Dal Vangelo secondo Luca
In quel tempo, una folla numerosa andava con Gesù. Egli si voltò e disse loro:
«Se uno viene a me e non mi ama più di quanto ami suo padre, la madre, la moglie, i figli, i fratelli, le sorelle e perfino la propria vita, non può essere mio discepolo.
Colui che non porta la propria croce e non viene dietro a me, non può essere mio discepolo.
Chi di voi, volendo costruire una torre, non siede prima a calcolare la spesa e a vedere se ha i mezzi per portarla a termine? Per evitare che, se getta le fondamenta e non è in grado di finire il lavoro, tutti coloro che vedono comincino a deriderlo, dicendo: “Costui ha iniziato a costruire, ma non è stato capace di finire il lavoro”.
Oppure quale re, partendo in guerra contro un altro re, non siede prima a esaminare se può affrontare con diecimila uomini chi gli viene incontro con ventimila? Se no, mentre l’altro è ancora lontano, gli manda dei messaggeri per chiedere pace.
Così chiunque di voi non rinuncia a tutti i suoi averi, non può essere mio discepolo».
(Lc 14, 25-33)
A partire da questo numero sarà don Andrea Busia, che ringraziamo, a commentare il Vangelo della domenica. Un grazie a Michele Antonio Corona che ha finora assicurato questo servizio, e ora chiamato alla direzione del settimanale diocesano di Oristano, L’Arborense. A Michele l’augurio di un proficuo lavoro nel nuovo incarico.

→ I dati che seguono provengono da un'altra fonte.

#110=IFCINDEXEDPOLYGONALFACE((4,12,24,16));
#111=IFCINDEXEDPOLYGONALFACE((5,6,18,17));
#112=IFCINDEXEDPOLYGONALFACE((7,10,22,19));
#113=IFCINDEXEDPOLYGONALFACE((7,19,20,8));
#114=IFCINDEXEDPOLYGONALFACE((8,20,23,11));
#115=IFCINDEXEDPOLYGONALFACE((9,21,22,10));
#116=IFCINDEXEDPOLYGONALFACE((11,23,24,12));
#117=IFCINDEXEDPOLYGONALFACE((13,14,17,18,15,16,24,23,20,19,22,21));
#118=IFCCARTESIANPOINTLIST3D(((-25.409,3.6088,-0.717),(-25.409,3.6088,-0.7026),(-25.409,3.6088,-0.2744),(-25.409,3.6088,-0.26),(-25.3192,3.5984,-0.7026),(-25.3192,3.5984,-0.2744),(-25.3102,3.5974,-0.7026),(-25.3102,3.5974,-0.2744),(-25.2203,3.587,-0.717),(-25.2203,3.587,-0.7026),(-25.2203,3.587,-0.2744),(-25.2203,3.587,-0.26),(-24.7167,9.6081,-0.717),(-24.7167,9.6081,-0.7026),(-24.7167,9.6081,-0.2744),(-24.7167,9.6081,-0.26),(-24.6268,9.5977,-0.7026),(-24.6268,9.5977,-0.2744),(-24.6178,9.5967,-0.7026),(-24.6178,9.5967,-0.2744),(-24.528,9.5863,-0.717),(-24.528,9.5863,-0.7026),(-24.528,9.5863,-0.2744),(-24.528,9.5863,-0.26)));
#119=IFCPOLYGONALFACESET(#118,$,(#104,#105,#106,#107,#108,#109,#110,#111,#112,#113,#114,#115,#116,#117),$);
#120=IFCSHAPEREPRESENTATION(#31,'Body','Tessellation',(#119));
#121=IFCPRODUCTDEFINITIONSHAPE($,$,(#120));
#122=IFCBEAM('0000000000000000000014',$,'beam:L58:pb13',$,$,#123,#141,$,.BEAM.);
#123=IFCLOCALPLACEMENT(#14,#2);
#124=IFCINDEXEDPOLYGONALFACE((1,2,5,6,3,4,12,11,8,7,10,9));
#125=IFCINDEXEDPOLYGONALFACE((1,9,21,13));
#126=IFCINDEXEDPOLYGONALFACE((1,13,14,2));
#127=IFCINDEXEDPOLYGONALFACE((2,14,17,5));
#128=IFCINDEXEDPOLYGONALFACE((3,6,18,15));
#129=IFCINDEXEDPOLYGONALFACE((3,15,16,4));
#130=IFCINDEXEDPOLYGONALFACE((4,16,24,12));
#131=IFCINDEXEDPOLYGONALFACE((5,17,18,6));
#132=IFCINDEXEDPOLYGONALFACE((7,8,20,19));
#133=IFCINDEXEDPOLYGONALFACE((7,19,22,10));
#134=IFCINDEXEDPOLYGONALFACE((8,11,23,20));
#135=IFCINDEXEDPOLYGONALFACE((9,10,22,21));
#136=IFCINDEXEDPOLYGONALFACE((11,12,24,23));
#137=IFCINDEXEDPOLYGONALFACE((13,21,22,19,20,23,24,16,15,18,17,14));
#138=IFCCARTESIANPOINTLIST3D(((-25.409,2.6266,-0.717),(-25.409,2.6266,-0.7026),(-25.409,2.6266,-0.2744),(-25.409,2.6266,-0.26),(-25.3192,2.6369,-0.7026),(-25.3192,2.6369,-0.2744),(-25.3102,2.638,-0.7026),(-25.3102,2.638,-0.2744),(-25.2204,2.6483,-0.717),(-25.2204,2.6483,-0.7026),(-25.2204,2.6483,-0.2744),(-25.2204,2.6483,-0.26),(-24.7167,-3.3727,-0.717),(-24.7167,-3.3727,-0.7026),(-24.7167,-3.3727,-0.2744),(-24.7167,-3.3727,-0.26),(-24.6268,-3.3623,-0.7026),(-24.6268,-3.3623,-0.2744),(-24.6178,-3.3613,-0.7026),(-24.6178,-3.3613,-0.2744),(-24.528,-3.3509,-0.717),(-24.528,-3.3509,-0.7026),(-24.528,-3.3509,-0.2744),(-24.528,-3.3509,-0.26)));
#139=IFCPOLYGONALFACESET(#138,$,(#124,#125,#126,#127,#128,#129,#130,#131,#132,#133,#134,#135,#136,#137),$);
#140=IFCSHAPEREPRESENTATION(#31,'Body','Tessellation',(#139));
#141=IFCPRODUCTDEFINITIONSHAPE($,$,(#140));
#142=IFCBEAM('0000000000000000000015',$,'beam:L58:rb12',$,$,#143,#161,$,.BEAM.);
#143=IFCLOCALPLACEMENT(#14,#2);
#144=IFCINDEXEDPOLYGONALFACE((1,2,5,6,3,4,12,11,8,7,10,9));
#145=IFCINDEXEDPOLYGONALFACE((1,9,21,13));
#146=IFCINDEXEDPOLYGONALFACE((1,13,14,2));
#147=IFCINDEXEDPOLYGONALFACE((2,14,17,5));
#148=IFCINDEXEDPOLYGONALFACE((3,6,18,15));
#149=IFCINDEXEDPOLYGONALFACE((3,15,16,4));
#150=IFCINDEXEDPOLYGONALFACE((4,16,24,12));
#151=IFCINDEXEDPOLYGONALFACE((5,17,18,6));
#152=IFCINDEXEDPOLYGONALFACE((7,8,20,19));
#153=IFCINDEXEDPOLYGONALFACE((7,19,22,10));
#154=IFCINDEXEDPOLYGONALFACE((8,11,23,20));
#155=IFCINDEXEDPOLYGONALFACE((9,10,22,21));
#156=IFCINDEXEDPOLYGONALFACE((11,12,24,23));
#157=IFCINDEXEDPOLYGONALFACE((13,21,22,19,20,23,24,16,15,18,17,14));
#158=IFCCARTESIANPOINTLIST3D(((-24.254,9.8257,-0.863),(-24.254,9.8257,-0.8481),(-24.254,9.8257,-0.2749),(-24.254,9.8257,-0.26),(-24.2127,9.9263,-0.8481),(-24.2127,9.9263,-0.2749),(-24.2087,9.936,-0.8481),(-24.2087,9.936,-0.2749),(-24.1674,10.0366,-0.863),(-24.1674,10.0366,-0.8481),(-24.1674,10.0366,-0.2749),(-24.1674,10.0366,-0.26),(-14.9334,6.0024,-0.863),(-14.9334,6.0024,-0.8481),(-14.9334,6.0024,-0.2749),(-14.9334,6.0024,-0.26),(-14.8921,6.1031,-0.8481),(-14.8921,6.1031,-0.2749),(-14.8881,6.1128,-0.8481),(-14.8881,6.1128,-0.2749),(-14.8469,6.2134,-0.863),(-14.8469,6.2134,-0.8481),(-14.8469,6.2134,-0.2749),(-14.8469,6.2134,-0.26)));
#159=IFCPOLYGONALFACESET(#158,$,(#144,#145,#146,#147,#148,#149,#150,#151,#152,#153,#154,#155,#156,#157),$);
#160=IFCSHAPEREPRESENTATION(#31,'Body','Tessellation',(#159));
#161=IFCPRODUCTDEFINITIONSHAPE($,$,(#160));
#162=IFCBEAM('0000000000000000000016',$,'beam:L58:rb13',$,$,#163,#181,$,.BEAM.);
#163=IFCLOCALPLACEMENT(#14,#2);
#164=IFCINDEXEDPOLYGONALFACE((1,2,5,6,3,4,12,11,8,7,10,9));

Commento a cura di don Andrea Busia
Quantità o qualità? Gesù sceglie senza dubbio la qualità per i suoi discepoli, è un maestro estremamente esigente. Pretende il primato nell’amore, rinnegamento di sé e «leggerezza».
Riguardo l’amore bisogna sottolineare una cosa fondamentale: pretende il primato ma non l’esclusività nell’amore. Vuole essere amato più di qualunque altro affetto, non che tutti gli altri ci siano indifferenti. Normalmente, nella vita del cristiano, non c’è alcuna necessità di scegliere tra i propri affetti e il Signore, ma talvolta certi attaccamenti possono allontanarci dal Signore, dalla sua volontà, e in quel caso siamo chiamati a essere coerenti con il nostro essere cristiani. Il Signore si spinge oltre affermando che, rispetto a lui, deve essere secondaria anche la nostra stessa vita: rinunciare a noi stessi per amore verso di Lui, ma solo nel caso questo sia realmente richiesto, è l’atto di testimonianza suprema, non a caso chiama «martiri» (cioè, in greco, «testimoni») coloro che hanno perso la vita a motivo della loro fedeltà al Signore.
Portare la croce è la seconda condizione del discepolato. Se non si porta la croce, se non la si accetta quando si presenta, si corre via dal calvario anziché andare con il Signore verso il dono totale di sé. Se noi rifiutiamo la croce rifiutiamo la grazia del Signore, quando si parla di croce non si sta parlando solo della sofferenza ma anche di quella porta stretta che conduce alla salvezza. Rifiutando l’una purtroppo si rifiuta anche l’altra. Ma noi lo sappiamo bene che la croce non ci piace e allora abbiamo bisogno di tanta fiducia nel Signore per affidarci a lui quando la croce si presenta, per non scappare, ricordando sempre che non siamo i soli a portare la croce, se è vero che nessuno può portare la croce al nostro posto, è vero anche che tutta la Chiesa, a partire dallo stesso Signore, cammina con noi e ci sostiene.
La terza condizione è la «leggerezza», non possiamo seguire Gesù portandoci dietro la «casa», al massimo uno «zaino» con le cose essenziali: non tutto ci è necessario, non tutto ci è utile e la tentazione di accumulare è sempre lì che aspetta uno spiraglio per farsi presente, ma se noi ci fermiamo ad accumulare, a «spolverare i nostri soprammobili», non camminiamo e, se non camminiamo, non possiamo chiamarci discepoli.
Anche la parabola all’interno del discorso di Gesù sottolinea l’esigenza di fermarsi a ragionare su ciò che serve per essere suoi discepoli. Mettersi in cammino senza aver valutato che cosa questo richieda, rende molto più facile la resa. Il Signore, invece, ci invita a fermarci, ascoltarlo, chiederci che cosa ci serve per iniziare il viaggio, preparare lo «zaino», senza dimenticare di lasciare lo spazio per la croce, e valutare se vogliamo impegnarci veramente in questo cammino. Il fatto che il Signore sia misericordioso e desideri aiutarci a raggiungere la meta non può essere per noi una scusa per venir meno alle nostre responsabilità o approcciare con faciloneria una cosa seria come il discepolato.